On your second day in Sicily, take a day trip from Catania to the charming seaside town of Taormina. Located on a hilltop overlooking the Ionian Sea and Sicilian coastline, the historic coastal town is best known for its ancient Greco-­Roman theater and unique beach.

The town is particularly popular among day-trippers, so try to arrive early in the morning to avoid the worst of the crowds. 

Getting To Taormina

The best way to get from Catania to Taormina without a car is by train.

The high-speed Intercity train can get you between the two cities in as little as 35 minutes, while the Regional train takes anywhere between 50 minutes and 1 hr 10 minutes. 

Tickets for both start at around 5.50 Euros each way, depending on when you book. There’s not a huge difference in ticket price, so try to catch one of the Intercity trains if possible to give you more time in Taormina.

It’s important to note that the train drops you off at the very bottom of town, and the main part of town is perched on a hill above the water. 

We walked up to the town center and it took around 15-20 minutes (here’s the route). You can also take the bus (Interbus) up to town for 1.90 Euros, or catch a taxi instead. 

Things to Do in Taormina

From exploring ancient ruins to hiking scenic trails and sampling the area’s delicious cuisine, there’s something for everyone in Taormina.

Teatro Antico di Taormina. Taormina’s spectacular Greco-Roman amphitheater dates back to the 3rd Century BC and has been used for various purposes throughout history, including gladiator battles and concerts. Today, it’s a popular tourist attraction and is still used for performances and events during the summer months – so check if anything is happening during your visit. The theater is perched on a hilltop and offers stunning views of the surrounding landscape, including neighboring Mount Etna and the Ionian Sea.

Hike up to Chiesa Madonna della Rocca. This historic hilltop chapel (here on Google Maps) is not only a beautiful example of Sicilian Baroque architecture, but it also offers amazing views over Taormina and the bay below. The trail leading to the church is steep and a little challenging, but it’s more than worth the effort for the views along the way. If the hike is too much, consider taking a taxi to the top then walking back down. Once at the top, stop for lunch on the beautiful terrace of Al Saraceno, located just a few steps away from the church.

Bam Bar.

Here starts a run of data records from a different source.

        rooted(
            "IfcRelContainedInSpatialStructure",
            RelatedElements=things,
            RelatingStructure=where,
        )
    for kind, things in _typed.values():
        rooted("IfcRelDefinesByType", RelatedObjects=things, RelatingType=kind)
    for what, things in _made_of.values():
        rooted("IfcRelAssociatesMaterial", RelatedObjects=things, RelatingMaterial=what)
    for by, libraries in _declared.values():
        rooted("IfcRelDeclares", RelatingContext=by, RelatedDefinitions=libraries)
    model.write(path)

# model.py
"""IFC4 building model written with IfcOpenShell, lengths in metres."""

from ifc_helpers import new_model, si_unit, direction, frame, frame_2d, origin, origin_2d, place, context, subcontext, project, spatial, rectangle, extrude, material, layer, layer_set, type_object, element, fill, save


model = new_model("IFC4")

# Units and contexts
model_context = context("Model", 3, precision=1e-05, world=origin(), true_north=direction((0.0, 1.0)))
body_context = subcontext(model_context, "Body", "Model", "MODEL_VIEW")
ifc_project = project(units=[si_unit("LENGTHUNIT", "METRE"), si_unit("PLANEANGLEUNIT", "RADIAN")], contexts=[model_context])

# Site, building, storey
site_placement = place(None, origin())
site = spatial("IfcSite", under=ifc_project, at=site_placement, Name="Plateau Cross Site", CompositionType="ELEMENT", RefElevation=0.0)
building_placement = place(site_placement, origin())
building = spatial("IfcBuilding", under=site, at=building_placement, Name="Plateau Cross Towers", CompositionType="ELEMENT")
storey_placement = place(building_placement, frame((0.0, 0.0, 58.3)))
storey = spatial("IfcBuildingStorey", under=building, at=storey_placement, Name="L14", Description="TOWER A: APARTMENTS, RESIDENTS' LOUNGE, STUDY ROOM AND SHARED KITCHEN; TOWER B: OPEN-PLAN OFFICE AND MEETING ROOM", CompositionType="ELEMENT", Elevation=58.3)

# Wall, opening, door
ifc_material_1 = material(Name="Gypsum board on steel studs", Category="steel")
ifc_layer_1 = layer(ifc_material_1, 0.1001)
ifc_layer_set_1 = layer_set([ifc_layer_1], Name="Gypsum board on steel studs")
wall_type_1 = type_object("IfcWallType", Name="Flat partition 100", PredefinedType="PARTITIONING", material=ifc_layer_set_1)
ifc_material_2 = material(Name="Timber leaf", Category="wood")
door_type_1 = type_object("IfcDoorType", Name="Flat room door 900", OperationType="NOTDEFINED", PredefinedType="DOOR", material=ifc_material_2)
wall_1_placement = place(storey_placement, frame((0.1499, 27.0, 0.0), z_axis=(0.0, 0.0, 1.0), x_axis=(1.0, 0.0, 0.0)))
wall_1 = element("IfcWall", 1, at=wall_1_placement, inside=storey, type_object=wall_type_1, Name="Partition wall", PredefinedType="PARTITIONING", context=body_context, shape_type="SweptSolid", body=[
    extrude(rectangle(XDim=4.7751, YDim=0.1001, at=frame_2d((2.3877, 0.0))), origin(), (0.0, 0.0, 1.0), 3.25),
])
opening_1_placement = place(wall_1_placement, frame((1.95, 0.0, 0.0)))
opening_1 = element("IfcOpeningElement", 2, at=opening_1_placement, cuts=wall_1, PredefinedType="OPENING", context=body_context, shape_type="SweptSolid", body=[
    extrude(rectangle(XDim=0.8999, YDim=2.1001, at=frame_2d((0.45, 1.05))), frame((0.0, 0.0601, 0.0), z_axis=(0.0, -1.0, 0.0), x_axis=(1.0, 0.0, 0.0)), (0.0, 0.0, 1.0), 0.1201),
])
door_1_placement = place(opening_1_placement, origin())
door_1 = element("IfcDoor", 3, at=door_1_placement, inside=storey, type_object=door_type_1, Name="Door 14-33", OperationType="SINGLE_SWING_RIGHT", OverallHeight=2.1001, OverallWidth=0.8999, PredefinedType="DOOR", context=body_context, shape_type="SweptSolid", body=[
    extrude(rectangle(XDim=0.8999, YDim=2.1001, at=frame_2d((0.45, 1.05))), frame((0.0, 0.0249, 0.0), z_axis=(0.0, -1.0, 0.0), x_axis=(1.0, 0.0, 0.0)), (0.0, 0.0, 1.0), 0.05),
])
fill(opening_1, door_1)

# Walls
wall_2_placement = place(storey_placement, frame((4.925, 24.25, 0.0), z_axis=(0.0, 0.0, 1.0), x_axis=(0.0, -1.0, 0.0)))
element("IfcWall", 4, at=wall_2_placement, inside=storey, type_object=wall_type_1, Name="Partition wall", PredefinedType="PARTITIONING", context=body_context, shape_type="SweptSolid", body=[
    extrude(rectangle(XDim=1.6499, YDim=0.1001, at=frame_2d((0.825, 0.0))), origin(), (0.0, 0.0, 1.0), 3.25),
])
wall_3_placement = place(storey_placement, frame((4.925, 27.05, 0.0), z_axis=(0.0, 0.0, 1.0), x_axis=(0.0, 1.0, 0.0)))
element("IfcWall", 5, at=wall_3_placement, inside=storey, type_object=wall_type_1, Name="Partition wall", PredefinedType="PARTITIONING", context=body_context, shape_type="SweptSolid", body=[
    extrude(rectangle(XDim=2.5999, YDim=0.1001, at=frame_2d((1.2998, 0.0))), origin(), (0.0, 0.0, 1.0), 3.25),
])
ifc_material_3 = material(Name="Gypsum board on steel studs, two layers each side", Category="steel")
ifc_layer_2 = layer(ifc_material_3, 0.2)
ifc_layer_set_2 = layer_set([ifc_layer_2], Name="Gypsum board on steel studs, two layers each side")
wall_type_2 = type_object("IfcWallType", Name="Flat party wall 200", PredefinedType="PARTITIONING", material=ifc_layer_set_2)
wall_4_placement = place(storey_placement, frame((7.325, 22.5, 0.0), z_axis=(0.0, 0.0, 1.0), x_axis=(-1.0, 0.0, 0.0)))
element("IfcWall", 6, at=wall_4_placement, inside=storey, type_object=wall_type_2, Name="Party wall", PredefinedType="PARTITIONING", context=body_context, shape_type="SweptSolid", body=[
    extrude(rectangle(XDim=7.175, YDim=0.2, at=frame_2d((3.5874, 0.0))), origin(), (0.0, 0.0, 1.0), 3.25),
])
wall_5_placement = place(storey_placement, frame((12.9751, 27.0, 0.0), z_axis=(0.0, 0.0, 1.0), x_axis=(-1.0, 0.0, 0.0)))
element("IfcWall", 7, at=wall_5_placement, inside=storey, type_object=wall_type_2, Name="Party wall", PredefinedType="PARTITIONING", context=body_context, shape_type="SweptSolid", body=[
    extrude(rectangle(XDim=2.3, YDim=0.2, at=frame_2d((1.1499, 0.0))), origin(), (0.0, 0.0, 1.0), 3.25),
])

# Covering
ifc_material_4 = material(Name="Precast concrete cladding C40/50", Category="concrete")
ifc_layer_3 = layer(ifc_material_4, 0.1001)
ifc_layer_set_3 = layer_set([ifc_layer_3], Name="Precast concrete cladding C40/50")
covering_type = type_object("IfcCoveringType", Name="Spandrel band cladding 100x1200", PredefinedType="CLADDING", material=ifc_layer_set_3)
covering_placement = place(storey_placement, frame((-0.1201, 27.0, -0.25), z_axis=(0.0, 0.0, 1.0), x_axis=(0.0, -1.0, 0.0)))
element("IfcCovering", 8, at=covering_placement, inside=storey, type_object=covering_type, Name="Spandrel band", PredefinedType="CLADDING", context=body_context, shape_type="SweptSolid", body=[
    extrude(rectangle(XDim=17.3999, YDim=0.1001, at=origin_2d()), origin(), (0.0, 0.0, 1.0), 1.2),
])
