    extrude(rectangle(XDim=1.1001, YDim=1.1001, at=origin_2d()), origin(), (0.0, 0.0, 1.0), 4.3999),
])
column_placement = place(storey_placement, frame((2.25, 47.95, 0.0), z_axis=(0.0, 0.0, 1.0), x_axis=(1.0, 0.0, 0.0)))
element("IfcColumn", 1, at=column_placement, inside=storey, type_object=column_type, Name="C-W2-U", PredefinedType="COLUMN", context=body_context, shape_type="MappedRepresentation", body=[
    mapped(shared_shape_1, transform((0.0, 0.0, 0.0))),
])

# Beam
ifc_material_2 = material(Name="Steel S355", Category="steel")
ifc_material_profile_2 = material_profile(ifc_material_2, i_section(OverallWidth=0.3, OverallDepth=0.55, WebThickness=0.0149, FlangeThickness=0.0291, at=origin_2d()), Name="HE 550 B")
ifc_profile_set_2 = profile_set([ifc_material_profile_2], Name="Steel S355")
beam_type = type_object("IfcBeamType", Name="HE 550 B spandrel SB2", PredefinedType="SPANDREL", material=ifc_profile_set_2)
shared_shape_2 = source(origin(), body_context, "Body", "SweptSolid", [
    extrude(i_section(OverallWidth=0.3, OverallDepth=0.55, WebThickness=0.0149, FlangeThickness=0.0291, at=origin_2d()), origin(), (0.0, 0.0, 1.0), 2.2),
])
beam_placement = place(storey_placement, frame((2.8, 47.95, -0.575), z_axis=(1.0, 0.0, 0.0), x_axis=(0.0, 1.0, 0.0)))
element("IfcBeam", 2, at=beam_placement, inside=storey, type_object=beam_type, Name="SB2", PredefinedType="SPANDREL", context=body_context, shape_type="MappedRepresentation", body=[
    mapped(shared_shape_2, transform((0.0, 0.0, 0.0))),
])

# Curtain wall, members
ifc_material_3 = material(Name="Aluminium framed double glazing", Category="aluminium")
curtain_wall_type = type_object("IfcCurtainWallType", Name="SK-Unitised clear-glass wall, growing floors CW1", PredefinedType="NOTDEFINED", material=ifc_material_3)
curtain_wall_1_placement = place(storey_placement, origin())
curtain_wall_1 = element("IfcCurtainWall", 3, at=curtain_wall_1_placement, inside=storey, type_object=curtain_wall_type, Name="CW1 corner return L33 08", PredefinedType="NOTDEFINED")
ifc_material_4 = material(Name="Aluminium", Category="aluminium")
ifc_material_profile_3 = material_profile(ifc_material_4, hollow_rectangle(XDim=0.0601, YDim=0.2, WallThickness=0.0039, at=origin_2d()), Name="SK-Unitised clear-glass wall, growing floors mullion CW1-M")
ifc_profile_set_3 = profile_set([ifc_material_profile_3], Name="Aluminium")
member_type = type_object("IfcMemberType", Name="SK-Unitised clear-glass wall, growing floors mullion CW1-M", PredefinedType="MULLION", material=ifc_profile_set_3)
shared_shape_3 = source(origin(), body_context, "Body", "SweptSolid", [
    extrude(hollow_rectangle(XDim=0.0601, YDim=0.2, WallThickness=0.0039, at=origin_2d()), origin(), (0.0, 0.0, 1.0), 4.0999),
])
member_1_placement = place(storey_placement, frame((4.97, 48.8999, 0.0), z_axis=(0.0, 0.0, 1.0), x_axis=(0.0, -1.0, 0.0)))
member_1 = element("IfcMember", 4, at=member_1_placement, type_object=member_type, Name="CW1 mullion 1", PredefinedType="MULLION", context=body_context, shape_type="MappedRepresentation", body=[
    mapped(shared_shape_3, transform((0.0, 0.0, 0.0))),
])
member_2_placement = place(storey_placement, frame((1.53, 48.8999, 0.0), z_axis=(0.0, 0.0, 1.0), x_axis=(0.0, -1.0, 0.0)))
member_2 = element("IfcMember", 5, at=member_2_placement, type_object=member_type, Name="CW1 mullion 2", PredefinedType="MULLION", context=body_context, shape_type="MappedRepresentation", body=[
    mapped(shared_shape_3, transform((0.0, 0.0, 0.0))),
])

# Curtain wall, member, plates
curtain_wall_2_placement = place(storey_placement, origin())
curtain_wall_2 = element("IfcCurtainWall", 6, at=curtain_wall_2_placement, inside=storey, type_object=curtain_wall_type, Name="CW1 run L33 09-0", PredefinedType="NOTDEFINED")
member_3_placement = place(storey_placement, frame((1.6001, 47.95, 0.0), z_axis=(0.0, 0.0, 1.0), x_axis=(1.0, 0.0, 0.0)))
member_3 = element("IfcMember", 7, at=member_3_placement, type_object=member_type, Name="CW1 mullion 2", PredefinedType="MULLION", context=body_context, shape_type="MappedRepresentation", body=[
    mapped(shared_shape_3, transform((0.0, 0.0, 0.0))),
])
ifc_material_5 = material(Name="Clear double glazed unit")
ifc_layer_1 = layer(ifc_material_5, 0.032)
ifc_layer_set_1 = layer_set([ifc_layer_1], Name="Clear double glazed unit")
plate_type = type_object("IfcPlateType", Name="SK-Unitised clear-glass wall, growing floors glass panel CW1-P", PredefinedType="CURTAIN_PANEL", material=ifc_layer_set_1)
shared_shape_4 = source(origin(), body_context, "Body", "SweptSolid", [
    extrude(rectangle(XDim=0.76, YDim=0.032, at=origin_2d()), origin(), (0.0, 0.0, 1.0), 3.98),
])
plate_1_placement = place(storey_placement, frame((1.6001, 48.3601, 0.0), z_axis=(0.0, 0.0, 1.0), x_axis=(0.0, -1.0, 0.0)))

We stopped here for granita twice in the same day! The elegant cafe-bar is famous for its granita, with rotating flavors posted on the board outside each day. They also serve coffee, pastries, and aperitifs, and there’s a lovely terrace outside for a spot of people watching.

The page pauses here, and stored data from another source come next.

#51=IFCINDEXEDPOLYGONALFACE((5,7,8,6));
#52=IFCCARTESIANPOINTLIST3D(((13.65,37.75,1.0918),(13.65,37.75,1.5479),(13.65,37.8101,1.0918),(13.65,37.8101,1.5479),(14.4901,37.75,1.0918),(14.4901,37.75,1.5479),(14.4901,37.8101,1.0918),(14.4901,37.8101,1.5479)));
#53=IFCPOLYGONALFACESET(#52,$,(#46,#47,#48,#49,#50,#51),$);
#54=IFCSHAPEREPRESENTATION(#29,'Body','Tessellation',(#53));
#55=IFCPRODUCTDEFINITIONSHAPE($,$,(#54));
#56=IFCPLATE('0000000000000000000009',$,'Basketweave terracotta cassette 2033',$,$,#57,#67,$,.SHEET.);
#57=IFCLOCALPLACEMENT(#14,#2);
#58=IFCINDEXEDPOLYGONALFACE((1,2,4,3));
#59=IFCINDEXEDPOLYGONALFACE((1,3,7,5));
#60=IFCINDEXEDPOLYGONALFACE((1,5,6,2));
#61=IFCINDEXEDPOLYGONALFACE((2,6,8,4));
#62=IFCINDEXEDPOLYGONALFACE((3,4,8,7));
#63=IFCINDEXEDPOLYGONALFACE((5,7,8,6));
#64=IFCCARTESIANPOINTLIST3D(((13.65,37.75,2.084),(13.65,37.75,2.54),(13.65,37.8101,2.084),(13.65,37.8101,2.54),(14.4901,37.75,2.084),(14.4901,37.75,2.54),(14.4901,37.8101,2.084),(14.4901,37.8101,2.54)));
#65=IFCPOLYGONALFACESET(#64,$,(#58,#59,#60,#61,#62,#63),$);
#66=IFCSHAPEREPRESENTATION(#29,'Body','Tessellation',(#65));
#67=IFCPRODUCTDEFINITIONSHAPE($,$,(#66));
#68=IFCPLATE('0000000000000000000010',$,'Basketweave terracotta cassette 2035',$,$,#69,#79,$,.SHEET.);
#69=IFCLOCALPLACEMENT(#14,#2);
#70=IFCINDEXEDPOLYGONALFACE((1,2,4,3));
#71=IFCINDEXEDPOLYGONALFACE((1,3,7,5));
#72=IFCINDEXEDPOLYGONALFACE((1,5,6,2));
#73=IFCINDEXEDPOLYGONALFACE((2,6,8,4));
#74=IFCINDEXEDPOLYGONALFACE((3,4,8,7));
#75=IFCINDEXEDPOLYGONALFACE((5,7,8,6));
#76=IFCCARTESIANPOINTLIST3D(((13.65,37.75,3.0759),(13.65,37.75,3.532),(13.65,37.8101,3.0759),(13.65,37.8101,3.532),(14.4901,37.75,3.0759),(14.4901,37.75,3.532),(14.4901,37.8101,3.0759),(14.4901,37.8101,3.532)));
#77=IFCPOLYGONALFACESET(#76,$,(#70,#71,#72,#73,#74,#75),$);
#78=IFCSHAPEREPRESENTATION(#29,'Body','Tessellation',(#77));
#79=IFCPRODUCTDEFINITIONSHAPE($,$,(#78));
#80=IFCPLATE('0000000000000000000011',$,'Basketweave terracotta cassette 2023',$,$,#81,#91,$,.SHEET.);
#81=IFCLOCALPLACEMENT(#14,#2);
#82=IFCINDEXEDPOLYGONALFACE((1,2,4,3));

Stroll Along Corso Umberto. Corso Umberto is Taormina’s lively pedestrianized main street which is full of shops, bars, and restaurants. The street is almost always packed with tourists, but it’s still worth a quick stroll. 

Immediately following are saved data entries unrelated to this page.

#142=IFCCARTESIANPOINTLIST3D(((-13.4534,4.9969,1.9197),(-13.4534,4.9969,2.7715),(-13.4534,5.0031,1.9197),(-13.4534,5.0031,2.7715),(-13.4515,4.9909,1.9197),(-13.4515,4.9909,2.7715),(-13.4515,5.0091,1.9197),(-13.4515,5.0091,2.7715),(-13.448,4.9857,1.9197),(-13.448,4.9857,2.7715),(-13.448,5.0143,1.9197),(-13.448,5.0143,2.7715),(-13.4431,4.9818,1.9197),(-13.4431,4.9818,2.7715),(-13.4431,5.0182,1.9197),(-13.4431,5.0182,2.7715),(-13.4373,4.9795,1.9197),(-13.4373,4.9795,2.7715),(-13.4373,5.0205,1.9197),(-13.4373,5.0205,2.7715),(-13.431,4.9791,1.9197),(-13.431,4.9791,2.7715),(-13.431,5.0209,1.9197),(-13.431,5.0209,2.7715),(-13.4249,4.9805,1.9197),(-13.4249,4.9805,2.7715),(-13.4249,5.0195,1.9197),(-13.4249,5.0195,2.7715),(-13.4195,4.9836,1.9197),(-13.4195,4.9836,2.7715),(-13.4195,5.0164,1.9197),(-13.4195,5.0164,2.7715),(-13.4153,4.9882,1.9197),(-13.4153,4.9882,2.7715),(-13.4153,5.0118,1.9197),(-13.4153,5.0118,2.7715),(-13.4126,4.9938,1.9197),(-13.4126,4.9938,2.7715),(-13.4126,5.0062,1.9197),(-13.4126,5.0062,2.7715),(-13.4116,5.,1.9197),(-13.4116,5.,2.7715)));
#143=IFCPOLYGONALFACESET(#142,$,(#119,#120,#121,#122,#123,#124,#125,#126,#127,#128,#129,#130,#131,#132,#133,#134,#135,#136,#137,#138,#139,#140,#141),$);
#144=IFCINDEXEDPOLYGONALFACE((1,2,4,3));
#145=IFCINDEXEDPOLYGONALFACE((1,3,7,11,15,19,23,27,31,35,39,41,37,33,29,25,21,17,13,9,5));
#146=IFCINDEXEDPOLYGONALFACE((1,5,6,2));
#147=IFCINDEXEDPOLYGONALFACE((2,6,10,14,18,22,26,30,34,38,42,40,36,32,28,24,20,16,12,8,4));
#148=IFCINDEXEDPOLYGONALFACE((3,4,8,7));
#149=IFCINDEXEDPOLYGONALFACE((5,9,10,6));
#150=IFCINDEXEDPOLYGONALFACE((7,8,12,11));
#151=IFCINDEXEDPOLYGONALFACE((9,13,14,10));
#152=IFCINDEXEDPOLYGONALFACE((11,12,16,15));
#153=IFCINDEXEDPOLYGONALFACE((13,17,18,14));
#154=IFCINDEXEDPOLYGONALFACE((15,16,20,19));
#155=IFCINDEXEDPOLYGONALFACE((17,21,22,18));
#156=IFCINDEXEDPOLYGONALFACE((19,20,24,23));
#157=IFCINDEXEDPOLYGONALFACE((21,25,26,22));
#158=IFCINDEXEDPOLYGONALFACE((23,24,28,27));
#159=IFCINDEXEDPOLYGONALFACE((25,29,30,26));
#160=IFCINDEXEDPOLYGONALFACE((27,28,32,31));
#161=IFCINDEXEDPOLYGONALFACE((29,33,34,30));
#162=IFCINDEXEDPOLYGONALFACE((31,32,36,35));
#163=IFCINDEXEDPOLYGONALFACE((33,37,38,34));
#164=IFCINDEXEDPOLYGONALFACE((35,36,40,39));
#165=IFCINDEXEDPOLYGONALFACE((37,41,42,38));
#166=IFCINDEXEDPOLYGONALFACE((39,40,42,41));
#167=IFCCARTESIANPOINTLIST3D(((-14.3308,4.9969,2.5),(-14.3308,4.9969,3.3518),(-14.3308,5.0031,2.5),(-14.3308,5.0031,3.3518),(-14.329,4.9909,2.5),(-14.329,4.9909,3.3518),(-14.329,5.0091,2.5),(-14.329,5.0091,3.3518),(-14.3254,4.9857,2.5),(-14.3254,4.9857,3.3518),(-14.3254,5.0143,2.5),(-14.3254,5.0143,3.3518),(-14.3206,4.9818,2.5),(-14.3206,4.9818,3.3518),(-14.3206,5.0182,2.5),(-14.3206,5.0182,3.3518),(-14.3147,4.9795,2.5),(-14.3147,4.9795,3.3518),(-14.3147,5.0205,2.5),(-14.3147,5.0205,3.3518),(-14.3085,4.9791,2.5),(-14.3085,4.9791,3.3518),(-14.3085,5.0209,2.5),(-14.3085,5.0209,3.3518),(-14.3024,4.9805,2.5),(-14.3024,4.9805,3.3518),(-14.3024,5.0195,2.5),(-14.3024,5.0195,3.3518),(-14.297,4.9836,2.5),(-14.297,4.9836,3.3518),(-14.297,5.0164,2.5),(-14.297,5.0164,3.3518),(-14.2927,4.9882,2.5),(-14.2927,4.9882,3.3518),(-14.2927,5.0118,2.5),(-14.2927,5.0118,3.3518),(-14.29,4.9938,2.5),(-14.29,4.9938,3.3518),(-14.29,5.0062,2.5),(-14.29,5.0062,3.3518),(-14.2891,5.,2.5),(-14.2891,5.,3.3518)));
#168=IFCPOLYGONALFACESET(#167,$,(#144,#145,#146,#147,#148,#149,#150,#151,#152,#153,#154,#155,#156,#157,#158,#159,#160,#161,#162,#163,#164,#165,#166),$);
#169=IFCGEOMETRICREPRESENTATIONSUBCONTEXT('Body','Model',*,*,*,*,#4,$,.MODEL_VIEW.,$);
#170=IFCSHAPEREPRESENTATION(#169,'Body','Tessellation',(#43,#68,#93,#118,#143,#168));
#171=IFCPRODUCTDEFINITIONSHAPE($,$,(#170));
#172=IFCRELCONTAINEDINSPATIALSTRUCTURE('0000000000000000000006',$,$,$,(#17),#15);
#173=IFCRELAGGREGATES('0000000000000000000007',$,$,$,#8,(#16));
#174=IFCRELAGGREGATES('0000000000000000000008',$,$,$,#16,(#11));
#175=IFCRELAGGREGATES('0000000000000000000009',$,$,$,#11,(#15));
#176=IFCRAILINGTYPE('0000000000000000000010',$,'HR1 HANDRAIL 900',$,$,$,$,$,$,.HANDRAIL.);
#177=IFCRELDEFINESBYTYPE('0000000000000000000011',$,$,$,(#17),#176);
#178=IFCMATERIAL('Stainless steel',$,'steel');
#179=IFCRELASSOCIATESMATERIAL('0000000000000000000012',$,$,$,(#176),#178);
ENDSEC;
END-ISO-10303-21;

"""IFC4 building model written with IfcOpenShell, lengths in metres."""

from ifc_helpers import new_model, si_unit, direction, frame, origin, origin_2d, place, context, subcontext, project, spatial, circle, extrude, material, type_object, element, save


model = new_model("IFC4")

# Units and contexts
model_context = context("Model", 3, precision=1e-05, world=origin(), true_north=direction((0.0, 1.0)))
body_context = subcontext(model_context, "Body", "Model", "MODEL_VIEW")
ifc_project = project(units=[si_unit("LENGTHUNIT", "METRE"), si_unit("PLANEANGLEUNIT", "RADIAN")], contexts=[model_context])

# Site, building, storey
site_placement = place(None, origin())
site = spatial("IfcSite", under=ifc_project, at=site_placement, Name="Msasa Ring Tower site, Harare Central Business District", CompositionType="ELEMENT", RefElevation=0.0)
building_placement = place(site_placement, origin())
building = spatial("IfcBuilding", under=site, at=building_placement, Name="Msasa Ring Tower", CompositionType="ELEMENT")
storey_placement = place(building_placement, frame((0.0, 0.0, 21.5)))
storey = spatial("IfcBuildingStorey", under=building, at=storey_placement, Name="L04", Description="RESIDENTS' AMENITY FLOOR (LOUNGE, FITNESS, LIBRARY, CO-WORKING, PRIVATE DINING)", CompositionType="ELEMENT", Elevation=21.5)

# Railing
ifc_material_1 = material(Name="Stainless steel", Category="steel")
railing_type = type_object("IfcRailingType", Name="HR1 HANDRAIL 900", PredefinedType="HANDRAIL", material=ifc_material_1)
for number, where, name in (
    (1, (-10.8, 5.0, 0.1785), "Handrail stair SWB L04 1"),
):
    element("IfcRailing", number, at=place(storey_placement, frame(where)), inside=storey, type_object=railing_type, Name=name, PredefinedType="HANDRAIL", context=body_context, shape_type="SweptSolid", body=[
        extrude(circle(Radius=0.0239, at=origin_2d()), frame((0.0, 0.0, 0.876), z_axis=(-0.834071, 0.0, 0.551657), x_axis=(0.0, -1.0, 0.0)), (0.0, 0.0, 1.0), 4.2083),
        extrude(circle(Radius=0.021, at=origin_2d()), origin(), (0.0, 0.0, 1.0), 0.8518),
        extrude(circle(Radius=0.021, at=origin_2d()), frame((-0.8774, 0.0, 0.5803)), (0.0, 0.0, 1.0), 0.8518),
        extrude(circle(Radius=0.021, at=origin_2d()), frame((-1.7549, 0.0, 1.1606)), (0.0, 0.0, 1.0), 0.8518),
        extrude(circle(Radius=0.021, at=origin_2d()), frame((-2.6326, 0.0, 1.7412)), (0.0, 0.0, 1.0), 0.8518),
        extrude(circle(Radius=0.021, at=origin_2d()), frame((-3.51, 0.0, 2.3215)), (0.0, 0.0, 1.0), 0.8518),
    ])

Hit the beach! If you’re visiting Taormina on a hot day, take a walk (or the cable car) down to Isola Bella, a small island that’s connected to the mainland via a narrow pebble beach. The unique beach is a lovely spot for sunbathing and paddling in the clear blue waters.

Day 3: Day Trip to Mount Etna

Mount Etna is the highest active volcano in Europe and one of the most active volcanoes on the planet. The regular volcanic activity has shaped much of eastern Sicily and is intrinsically linked to the history of the region.

Despite its frequent eruptions, Mount Etna is still considered safe to visit. In fact, hiking up to its summit to experience the breathtaking views of the surrounding landscape is one of the most popular things to do in all of eastern Sicily. 

Getting To Mount Etna

Due to the logistics of getting to and from Etna – there’s basically one bus in each direction per day, and it’s a long ride (more info here) – we would recommend either renting a car for the day and driving yourself, or hopping on a guided tour. 


Driving is the only way to get to Mount Etna in time to join a guided summit tour, which leaves around 9:00 am each morning (which is before the bus arrives). 

You’ll need to drive from Catania to Rifugio Sapienza on the southern slope of Mount Etna to join the morning tours. The drive will take you around an hour.

If you don’t want to take an organized tour, you can still drive yourself to Rifugio Sapienza and head to the summit by yourself. From Rifugio Sapienza, you can catch the cable car (30 Euros return) up to a certain point, then hike the rest of the way up to the famous craters on your own.

Guided Day Trip

A guided day trip is the easiest way to visit Mount Etna without a car. There are plenty of different options to choose from – including tours that visit the typical tourist areas, and tours that go a little off the beaten path (we chose the second).

We did this tour with Marco, a Catania native, and would highly recommend it.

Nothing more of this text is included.